Era gennaio 1995: si giocava Genoa-Milan. A un certo punto un tifoso genoano fu ucciso in tribuna e la partita fu inevitabilmente sospesa. Fazio si sedette di fianco a me e Sassi e senza dire nulla capimmo, guardandoci in faccia, che c’erano cose più importanti di una trasmissione di intrattenimento. Facemmo svuotare lo studio da ospiti e pubblico e rimanemmo solo noi tre in silenzio ad ascoltare la radiocronaca di Tutto il calcio minuto per minuto. A suo modo fu una grande pagina di televisione, che in quel momento non aveva bisogno di intrattenimento ma di informazione. E rispetto.
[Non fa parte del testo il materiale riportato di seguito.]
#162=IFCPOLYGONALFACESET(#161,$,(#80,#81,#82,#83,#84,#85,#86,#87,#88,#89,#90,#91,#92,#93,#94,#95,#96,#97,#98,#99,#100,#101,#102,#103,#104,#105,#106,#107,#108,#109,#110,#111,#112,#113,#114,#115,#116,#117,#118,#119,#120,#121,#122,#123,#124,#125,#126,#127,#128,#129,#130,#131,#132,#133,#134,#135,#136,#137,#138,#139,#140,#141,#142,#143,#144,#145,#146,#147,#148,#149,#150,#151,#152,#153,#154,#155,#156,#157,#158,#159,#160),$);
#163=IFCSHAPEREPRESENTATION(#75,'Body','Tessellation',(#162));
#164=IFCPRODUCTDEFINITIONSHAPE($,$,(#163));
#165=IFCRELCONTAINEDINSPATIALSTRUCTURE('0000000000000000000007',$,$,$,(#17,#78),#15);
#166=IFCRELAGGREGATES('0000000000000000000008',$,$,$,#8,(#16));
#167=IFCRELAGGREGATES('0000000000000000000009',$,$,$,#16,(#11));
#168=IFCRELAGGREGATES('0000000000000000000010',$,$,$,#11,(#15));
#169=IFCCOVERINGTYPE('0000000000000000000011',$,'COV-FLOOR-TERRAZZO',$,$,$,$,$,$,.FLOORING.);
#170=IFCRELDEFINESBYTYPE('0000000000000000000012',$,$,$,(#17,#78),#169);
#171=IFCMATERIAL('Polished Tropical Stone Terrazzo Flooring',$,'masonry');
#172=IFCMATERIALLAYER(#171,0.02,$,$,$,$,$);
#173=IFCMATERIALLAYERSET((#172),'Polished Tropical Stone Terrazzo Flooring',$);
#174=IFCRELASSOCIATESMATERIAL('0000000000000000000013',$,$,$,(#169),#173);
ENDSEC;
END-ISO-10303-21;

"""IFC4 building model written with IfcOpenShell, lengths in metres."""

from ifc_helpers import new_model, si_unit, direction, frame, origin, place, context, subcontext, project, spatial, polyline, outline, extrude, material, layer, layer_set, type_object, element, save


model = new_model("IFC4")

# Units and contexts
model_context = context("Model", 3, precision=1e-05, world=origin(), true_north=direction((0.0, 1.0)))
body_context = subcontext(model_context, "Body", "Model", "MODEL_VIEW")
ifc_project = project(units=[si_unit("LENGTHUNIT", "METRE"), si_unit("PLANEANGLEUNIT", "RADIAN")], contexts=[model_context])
Raccontare una Serie A così piena di campioni, negli anni in cui la Nazionale faceva letteralmente sognare, fu un vantaggio per il successo del programma?
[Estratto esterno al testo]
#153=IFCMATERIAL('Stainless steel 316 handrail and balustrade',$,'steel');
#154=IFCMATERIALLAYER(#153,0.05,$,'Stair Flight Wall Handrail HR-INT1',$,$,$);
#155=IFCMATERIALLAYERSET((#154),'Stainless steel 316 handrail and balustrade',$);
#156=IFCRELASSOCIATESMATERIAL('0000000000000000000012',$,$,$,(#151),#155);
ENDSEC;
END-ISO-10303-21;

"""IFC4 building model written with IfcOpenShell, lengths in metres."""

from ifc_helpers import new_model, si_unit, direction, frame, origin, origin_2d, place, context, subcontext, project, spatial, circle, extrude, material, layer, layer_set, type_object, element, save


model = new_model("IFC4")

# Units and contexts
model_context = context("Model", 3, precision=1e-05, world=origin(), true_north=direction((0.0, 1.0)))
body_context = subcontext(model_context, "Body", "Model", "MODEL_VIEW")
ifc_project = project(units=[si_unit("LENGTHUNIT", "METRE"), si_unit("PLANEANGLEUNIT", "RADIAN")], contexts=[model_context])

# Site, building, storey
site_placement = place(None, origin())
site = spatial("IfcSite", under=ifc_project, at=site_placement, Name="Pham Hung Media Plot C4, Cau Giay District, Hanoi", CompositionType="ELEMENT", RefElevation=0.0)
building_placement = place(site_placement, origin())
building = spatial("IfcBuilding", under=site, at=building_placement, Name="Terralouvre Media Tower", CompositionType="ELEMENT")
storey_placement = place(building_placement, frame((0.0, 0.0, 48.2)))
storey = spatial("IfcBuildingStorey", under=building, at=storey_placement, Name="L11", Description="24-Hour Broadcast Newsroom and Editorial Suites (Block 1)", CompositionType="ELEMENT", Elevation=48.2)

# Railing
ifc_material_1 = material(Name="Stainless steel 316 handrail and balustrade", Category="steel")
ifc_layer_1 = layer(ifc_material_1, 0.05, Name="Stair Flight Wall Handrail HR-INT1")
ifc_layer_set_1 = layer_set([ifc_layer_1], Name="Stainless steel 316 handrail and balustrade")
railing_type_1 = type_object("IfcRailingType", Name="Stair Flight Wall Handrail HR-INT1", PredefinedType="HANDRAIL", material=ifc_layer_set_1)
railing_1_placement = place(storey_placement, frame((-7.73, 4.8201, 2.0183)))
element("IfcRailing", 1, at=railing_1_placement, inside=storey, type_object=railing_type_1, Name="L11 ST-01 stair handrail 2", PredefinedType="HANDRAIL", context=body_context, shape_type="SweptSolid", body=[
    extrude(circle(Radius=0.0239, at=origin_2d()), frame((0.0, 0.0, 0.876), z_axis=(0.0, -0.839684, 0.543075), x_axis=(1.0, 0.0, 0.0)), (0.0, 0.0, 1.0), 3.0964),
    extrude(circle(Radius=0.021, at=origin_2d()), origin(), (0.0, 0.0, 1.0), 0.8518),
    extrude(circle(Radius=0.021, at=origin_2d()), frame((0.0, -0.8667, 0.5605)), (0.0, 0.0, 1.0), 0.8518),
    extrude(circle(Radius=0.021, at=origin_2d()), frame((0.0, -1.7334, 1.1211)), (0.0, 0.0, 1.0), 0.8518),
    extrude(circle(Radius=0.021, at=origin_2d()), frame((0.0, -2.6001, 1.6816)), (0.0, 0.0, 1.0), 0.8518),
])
Certo in quegli anni avemmo anche la fortuna: in nove stagioni potemmo raccontare quattro squadre vincitrici diverse. Se pensiamo che negli ultimi tempi per nove anni consecutivi ha vinto solo la Juventus… Indubbiamente c’era un’ecumenicità che rendeva i campionati più interessanti con grandi campioni, per cui tutti erano competitive. Erano gli anni delle Sette Sorelle. Credo comunque che ci saremmo divertiti molto a raccontare, in modo diverso e con le dovute differenze, anche il campionato di quest’anno con la cavalcata del Napoli.
Il momento più divertente?
Sono infiniti. Provando a pensarne uno, il primo che in questo momento mi viene in mente è l’incontro tra Arianna e Sinisa Mihajlovic in campo, con Anna Marchesini nei panni della signorina Carlo. A pensarci avevamo toccato la follia a volte.
Non vivevate la paura di non poter censurare in diretta personaggi fuori dalle righe a cui nella foga del tifo poteva scappare anche qualche cosa di troppo?
No: anzitutto perché era un’altra tv, più libera per tanti versi. E poi Beldì era bravissimo a trovare le inquadrature necessarie alla narrazione del programma, riuscendo a inserirli nei giusti contesti che non avrebbero mai fatto trasparire alcuna volgarità ma al massimo tanta ironia. Molti citano i meriti miei e di Fabio, ma anche Beldì era fondamentale in quella trasmissione.
Il programma poi è cambiato con diverse versioni negli anni. Direi senza offesa che non ci si è mai più divertiti come ci si è divertiti nelle prime edizioni con voi.
Francamente lo penso anche io.
Ma con una Serie A così cambiata, anzitutto negli orari, ti sei mai chiesto come sarebbe stato fare Quelli che il calcio oggi?
Lo spezzatino avrebbe messo in difficoltà anche la formazione originaria, che comunque fece un prodotto che nessun altro è mai più riuscito a replicare. Come La Settimana Enigmistica, anche Quelli che il Calcio vantava milioni di imitazione. E ne andiamo ancora oggi orgogliosi.